Just finished some brown sugar-maple bacon yesterday. thread: My second try ..........Q view included.

                                      Thanks


----------



## diggingdogfarm (Oct 7, 2012)

Linguica said:


> What is the best way to remove the rind? I tried slipping one corner with a knife and ripping it off with vise grips. That did not work for me.



Yeah, with pork there's no clear separation between the skin and below like there is with many other animals, so the vise-grip trick doesn't work.
It's best to remove it with a very sharp, not too pointed, knife.
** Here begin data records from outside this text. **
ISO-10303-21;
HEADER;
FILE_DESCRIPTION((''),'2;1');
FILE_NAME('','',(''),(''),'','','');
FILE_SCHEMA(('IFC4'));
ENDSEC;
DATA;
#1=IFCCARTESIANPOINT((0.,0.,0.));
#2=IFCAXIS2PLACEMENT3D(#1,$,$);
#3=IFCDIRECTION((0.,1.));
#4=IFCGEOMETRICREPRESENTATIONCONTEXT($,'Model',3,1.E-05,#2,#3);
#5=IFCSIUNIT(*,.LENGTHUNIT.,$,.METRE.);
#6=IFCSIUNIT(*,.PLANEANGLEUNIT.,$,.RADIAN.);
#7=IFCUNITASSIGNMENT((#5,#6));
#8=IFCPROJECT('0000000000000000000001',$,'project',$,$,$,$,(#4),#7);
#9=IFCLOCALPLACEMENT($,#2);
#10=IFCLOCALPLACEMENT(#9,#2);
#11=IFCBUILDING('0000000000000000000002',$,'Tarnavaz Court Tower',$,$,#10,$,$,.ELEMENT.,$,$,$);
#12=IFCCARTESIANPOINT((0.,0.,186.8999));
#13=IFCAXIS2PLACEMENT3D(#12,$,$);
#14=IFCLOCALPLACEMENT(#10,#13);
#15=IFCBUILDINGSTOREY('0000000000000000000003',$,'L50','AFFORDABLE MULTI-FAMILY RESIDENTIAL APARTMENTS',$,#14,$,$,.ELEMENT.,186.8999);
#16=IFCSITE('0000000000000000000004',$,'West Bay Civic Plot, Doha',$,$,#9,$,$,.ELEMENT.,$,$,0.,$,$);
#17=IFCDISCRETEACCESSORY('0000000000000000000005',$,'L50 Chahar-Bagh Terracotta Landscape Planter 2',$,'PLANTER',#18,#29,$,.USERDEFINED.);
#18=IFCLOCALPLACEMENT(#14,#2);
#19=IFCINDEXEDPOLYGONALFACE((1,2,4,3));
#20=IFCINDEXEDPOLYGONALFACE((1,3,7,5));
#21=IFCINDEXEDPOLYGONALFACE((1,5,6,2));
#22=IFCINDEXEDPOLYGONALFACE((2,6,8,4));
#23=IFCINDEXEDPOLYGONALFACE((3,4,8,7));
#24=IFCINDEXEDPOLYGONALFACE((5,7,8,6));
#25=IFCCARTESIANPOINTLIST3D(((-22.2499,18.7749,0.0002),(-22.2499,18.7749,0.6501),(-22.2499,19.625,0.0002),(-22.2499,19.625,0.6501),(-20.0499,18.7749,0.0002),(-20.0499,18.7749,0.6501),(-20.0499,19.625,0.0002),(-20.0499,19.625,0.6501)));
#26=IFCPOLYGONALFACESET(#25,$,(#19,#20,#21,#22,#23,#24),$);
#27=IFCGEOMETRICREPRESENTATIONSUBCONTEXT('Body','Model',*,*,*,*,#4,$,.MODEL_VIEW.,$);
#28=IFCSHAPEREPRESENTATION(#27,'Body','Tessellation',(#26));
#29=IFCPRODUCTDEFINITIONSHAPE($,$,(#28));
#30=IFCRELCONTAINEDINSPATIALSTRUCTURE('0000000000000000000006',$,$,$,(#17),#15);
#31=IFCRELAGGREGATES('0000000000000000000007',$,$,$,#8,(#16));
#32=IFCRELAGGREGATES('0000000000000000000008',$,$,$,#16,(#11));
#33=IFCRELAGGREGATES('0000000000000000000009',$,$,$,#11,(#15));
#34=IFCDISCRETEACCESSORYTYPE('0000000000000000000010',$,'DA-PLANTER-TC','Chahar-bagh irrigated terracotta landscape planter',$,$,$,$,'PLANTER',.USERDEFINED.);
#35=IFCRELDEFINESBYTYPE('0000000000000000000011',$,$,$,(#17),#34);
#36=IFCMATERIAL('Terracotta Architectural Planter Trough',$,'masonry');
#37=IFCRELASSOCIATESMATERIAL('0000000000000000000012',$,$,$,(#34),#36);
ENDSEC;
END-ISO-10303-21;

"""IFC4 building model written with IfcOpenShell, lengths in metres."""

from ifc_helpers import new_model, si_unit, direction, frame, origin, origin_2d, place, context, subcontext, project, spatial, rectangle, extrude, material, type_object, element, save


model = new_model("IFC4")

# Units and contexts
model_context = context("Model", 3, precision=1e-05, world=origin(), true_north=direction((0.0, 1.0)))
body_context = subcontext(model_context, "Body", "Model", "MODEL_VIEW")
ifc_project = project(units=[si_unit("LENGTHUNIT", "METRE"), si_unit("PLANEANGLEUNIT", "RADIAN")], contexts=[model_context])

# Site, building, storey
site_placement = place(None, origin())
site = spatial("IfcSite", under=ifc_project, at=site_placement, Name="West Bay Civic Plot, Doha", CompositionType="ELEMENT", RefElevation=0.0)
building_placement = place(site_placement, origin())
building = spatial("IfcBuilding", under=site, at=building_placement, Name="Tarnavaz Court Tower", CompositionType="ELEMENT")
storey_placement = place(building_placement, frame((0.0, 0.0, 186.8999)))
storey = spatial("IfcBuildingStorey", under=building, at=storey_placement, Name="L50", Description="AFFORDABLE MULTI-FAMILY RESIDENTIAL APARTMENTS", CompositionType="ELEMENT", Elevation=186.8999)

# Discrete accessory
ifc_material_1 = material(Name="Terracotta Architectural Planter Trough", Category="masonry")
discrete_accessory_type_1 = type_object("IfcDiscreteAccessoryType", Name="DA-PLANTER-TC", Description="Chahar-bagh irrigated terracotta landscape planter", ElementType="PLANTER", PredefinedType="USERDEFINED", material=ifc_material_1)
discrete_accessory_placement = place(storey_placement, frame((-21.1499, 19.2, 0.0002), z_axis=(0.0, 0.0, 1.0), x_axis=(1.0, 0.0, 0.0)))
element("IfcDiscreteAccessory", 1, at=discrete_accessory_placement, inside=storey, type_object=discrete_accessory_type_1, Name="L50 Chahar-Bagh Terracotta Landscape Planter 2", ObjectType="PLANTER", PredefinedType="USERDEFINED", context=body_context, shape_type="SweptSolid", body=[
    extrude(rectangle(XDim=2.2, YDim=0.8501, at=origin_2d()), origin(), (0.0, 0.0, 1.0), 0.6499),
])

save(model, "model.ifc")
Proper blade angle is the secret.
I also use a bacon hanger to secure the belly with some thin rope to a c-clamp at the end of the table, that makes skinning it a LOT easier.

Here's a good video on belly skinning:

[VIDEO]][/VIDEO]


~Martin


----------



## linguica (Oct 7, 2012)

Thanks Martin,100% on target, as usual...............The grasshopper learns another skill.


----------



## baconologist (Oct 7, 2012)

That's a good video, he makes it look easy.

Bob


----------



## lost in nd (Oct 7, 2012)

Just curious when it comes to bacon - how much cure do you put on the belly? Does a guy want cover the belly and rub the cure into the belly or just sprinkle the belly with cure and go with whatever sticks?

The only time I've tried bacon it came out so darn salty I couldn't eat it. I don't think I rinsed the cure off well enough, but then again I my have over cured it too, I don't know.
	

	
	
		
		



		
			






Thanks

Alan


----------



## linguica (Oct 7, 2012)

There are so many variables. Some homework is in order. Look in Forums\bacon, tons of good information there. The only constant that i am aware of is to use 1 tsp of prauge #1 cure (pink salt) per five pounds of meat when cold smoking.


----------



## diggingdogfarm (Oct 7, 2012)

Lost in ND said:


> Just curious when it comes to bacon - how much cure do you put on the belly? Does a guy want cover the belly and rub the cure into the belly or just sprinkle the belly with cure and go with whatever sticks?
> 
> The only time I've tried bacon it came out so darn salty I couldn't eat it. I don't think I rinsed the cure off well enough, but then again I my have over cured it too, I don't know.
> 
> ...



There are several ways that it can be done, in my biased opinion, it's best to use a calculated amount of salt along with the obvious safe amount of cure, that way you eliminate the possibility of too much salt and and it saves on ingredients, among other advantages.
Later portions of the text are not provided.